This is the irony of libertarianism: "Freedom for everyone, but I get to keep
all my goodies!". It's not actually freedom for everyone; it enshrines
privilege with the people who already have a lot of wealth. It works _against_
levelling the playing field and _against_ people advancing by merit. If you're
born into wealth, you're protected by libertarianism - you'll get better
schooling, better networking, better secret-handshake memberships. If you're
born into poverty, libertarianism handwaves and mutters something about
charity (which is always amusing, because private charities have never
amounted to anything like public welfare), but really doesn't care about
helping you improve yourself, giving you the tools to become wealthier. The
poor don't have private property, so libertarianism flips them the finger. If
the poor get shafted by someone's actions, the libertarian answer is "take
them to (the skeletal remains of) the court system", something which the poor
cannot leverage at all. Factory spewing toxic smoke into your house? Take them
to court... oh, you can't afford a lawyer, or at least one that stands a
chance. Pity - there are no regulations on air pollution, because that
curtails 'freedom' and is 'big government' and so the supposed answer instead
is 'take them to court'.

I watched your second video.

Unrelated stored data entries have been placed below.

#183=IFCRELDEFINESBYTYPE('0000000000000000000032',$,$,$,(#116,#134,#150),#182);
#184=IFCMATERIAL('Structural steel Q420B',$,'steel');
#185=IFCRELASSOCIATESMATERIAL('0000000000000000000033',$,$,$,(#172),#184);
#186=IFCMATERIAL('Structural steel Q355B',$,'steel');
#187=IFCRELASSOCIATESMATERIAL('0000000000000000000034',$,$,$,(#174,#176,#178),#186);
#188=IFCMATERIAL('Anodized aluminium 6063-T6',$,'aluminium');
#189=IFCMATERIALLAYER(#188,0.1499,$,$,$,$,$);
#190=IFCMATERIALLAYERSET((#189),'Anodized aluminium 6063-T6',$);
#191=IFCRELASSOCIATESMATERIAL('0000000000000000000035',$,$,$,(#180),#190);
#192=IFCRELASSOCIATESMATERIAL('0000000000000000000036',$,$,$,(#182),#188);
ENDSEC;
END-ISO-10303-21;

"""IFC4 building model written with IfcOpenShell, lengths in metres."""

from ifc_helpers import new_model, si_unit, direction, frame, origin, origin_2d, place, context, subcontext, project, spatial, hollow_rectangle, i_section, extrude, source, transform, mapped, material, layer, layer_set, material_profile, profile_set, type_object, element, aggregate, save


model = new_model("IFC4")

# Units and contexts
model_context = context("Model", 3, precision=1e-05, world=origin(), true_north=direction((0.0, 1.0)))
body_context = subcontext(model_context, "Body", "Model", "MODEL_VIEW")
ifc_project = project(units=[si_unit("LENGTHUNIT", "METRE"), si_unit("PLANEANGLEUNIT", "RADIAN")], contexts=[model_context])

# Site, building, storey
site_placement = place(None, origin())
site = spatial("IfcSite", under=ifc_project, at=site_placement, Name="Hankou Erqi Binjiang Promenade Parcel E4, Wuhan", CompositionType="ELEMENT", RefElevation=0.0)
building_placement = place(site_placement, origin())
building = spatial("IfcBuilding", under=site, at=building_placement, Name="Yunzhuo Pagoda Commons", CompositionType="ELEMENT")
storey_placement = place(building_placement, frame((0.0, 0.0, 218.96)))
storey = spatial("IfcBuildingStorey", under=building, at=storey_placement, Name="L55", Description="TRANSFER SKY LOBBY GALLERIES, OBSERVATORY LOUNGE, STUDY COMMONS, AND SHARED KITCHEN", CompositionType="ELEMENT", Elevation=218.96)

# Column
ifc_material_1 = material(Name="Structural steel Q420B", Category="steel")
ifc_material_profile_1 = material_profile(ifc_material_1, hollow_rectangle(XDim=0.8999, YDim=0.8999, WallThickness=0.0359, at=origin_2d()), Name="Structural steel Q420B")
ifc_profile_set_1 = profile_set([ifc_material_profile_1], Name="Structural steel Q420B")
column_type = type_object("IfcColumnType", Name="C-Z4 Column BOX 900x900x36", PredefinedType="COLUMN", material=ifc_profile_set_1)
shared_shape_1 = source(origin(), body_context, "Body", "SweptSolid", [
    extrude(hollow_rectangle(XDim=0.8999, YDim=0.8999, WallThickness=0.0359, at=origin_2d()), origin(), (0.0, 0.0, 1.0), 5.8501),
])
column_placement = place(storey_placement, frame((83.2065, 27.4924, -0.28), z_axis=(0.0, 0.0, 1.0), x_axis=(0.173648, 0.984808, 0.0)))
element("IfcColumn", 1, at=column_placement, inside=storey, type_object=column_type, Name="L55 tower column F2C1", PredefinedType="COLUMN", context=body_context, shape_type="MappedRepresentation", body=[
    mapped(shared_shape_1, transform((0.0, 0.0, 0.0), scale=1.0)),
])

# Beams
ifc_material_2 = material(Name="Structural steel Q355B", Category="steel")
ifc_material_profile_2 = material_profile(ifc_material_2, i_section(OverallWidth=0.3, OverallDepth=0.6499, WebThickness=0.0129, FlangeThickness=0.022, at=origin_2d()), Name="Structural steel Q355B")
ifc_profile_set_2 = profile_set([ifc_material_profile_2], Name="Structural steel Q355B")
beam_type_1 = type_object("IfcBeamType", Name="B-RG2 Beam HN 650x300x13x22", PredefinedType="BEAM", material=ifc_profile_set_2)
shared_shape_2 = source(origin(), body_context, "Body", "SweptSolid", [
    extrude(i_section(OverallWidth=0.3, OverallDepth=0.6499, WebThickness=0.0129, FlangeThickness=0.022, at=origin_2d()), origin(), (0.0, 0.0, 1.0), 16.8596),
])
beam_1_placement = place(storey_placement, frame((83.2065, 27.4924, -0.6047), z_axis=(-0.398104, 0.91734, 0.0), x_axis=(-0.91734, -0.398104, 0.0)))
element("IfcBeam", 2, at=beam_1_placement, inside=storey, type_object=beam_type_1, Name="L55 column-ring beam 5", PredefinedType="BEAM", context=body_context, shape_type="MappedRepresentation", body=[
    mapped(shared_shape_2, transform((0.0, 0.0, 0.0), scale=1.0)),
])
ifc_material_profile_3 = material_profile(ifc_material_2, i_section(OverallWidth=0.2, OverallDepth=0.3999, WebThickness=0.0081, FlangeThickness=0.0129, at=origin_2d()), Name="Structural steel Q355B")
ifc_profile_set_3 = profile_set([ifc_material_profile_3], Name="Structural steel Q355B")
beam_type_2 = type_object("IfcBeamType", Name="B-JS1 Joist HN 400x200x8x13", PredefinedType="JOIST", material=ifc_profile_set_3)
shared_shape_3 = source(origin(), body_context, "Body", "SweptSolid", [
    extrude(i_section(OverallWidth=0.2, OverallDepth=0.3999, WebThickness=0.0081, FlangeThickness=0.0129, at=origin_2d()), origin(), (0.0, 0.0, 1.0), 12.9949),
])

It's funny that the creator gave libertarianism a
great loophole: "Oh, wars of conquest make it alright if the losers have all
been killed". It's basically hand-waving away the indicated moral issues about
taking things by force and translated means "I get to keep my stuff". It's a
bad video full of leading statements and bad assumptions, though it does have
nice production values. The entire video frames libertarianism as a mechanism
to keep your material goods all to yourself - unsurprising, really, since this
is what really underpins the philosophy.

Fundamentally, libertarianism is about people who want to maintain their
social privileges and wealth, and not actually about fair opportunity. It's an
incredibly selfish philosophy, but it's wrapped in attractive-sounding
rhetoric. In any case, to answer the libertarian question "Why should I help
anyone else _at all_?"(paraphrased, but ridiculously clear on every discussion
regarding tax), the answer is basically "Because you're human, and humans are
social animals that rely on each other; they are not self-sufficient without
extreme effort".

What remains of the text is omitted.